For plenty of code, the difference won't matter, but it does create the bizarre situation where a default-initialized struct is not identical to its init value, and you lose the ability to check whether a value of that struct type has been mutated, which you can normally do with all types with "value is typeof(value).init".
Comment 1 RazvanN 2024-01-08 11:19:17 UTC
My first impression on this was that the compiler probably stores the struct initializer in the data/rodata segment and when an instance is created, it allocates heap memory with the GC and copies over the dynamic array elements. However, looking at the compiler code, things get weirder. It seems that in this case, the compiler lowers `S.init` to a Struct Literal Expression "S([1, 2, 3])" (i.e. it does not store a literal representation in the data/rodata segment), whereas when it encounters `S s1;` is uses a global symbol to initialize s1. That is why s1 and s2 have the same bit representation but `S.init` does not.

A consequence of this is that `assert(S.init is S.init)` fails in this case. Which is kind of absurd. However, I would argue that when dynamic arrays are involved the backend is free to do whatever it sees fit with regards to the addresses of dynamic arrays, so using `is` in this case (as opposed to opEquals) is brittle.
Comment 2 Bastiaan Veelo 2024-01-08 12:08:10 UTC
I argue that it should be made an error to define an initializer of a non-shared non-static field that allocates. Thread: https://forum.dlang.org/post/ogvubzgprghefclgluce@forum.dlang.org

If you *want* the array to be shared across all instances, the field should be declared `shared static`.

In https://forum.dlang.org/post/t7vm2o$p4q$1@digitalmars.com, Steven notes that the array is shared among different threads, even, as discovered in https://issues.dlang.org/show_bug.cgi?id=2947.
Comment 3 Jonathan M Davis 2024-01-08 18:05:22 UTC
(In reply to RazvanN from comment #1)
> A consequence of this is that `assert(S.init is S.init)` fails in this case.
> Which is kind of absurd. However, I would argue that when dynamic arrays are
> involved the backend is free to do whatever it sees fit with regards to the
> addresses of dynamic arrays, so using `is` in this case (as opposed to
> opEquals) is brittle.

My expectation is that 

SomeStruct s;
assert(s is SomeStruct.init);

will pass for every type, and IMHO, if it doesn't, we should rethink what we're doing.
Comment 4 Jonathan M Davis 2024-01-08 18:12:06 UTC
(In reply to Bastiaan Veelo from comment #2)
> I argue that it should be made an error to define an initializer of a
> non-shared non-static field that allocates. Thread:
> https://forum.dlang.org/post/ogvubzgprghefclgluce@forum.dlang.org
> 
> If you *want* the array to be shared across all instances, the field should
> be declared `shared static`.
> 
> In https://forum.dlang.org/post/t7vm2o$p4q$1@digitalmars.com, Steven notes
> that the array is shared among different threads, even, as discovered in
> https://issues.dlang.org/show_bug.cgi?id=2947.

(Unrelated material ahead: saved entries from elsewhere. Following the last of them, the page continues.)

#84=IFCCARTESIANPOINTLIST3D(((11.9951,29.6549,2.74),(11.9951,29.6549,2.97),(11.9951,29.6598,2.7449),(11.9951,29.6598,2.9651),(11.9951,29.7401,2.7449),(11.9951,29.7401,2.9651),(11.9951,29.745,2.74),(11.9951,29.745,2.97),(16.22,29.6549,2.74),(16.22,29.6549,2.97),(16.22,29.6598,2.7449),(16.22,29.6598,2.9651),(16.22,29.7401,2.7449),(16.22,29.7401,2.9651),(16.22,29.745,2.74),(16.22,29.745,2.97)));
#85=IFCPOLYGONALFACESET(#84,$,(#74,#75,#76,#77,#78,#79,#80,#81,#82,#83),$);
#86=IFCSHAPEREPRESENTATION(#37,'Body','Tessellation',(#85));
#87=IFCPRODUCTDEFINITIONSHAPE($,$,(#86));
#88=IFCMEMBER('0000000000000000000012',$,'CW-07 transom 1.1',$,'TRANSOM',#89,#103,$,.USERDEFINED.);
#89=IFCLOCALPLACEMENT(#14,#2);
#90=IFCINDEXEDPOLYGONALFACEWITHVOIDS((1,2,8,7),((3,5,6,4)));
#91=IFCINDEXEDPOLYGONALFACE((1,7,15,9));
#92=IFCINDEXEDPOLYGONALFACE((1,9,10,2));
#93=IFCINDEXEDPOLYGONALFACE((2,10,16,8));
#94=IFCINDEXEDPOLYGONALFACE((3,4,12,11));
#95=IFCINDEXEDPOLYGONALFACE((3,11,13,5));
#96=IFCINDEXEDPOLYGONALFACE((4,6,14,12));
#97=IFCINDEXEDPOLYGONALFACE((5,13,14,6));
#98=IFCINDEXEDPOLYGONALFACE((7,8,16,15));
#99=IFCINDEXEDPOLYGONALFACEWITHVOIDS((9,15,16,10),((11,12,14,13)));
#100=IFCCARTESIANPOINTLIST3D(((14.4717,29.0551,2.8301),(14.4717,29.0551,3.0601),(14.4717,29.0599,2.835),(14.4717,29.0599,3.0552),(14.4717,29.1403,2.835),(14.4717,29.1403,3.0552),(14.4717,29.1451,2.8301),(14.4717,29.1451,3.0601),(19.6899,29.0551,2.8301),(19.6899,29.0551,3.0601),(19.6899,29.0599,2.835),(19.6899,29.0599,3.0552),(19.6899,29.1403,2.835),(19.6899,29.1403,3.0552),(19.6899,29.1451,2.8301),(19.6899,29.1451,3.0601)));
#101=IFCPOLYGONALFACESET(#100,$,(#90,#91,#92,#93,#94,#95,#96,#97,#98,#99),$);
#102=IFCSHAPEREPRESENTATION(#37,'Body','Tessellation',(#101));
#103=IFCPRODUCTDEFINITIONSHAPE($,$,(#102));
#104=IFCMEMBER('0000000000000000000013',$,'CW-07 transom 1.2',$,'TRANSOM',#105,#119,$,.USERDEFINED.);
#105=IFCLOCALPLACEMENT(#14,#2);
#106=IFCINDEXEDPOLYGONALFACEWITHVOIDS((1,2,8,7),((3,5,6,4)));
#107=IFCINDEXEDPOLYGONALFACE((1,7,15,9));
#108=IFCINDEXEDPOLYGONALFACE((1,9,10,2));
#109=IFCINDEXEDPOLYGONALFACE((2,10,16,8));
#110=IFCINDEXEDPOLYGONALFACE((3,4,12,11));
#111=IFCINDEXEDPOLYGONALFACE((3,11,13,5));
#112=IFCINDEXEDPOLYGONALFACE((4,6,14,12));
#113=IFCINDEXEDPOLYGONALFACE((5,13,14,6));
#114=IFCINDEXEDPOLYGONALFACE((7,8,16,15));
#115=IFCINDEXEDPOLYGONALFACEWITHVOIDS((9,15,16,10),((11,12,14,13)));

It may very well be the best call to make cases like this illegal. However, I think that requirement is going to have to take into account whether mutable indirections are involved rather than just whether any allocations take place. Otherwise, cases like SysTime's Rebindable!(immutable(TimeZone)) (which is supposed to be default-initialized to a specific time zone so that the code doesn't have to check for null, but it isn't due to another bug) become illegal. The fact that the TimeZone itself is immutable avoids the issue, whereas it would be an issue if TimeZone weren't immutable.
Comment 5 Steven Schveighoffer 2024-01-09 16:00:19 UTC
Hm... what appears to be happening here is `S.init` is treated like an enum.

If you have an enum of an array, then it is like you typed in the literal directly.

Mark main as `@nogc` and it fails (Because S.init allocates!)

Even `S s1 = S.init` allocates a new array on the heap.

This is quite unexpected, and I can't believe we haven't seen this before.

I tested via run.dlang.io, and this has happened at least as far back as 2.060.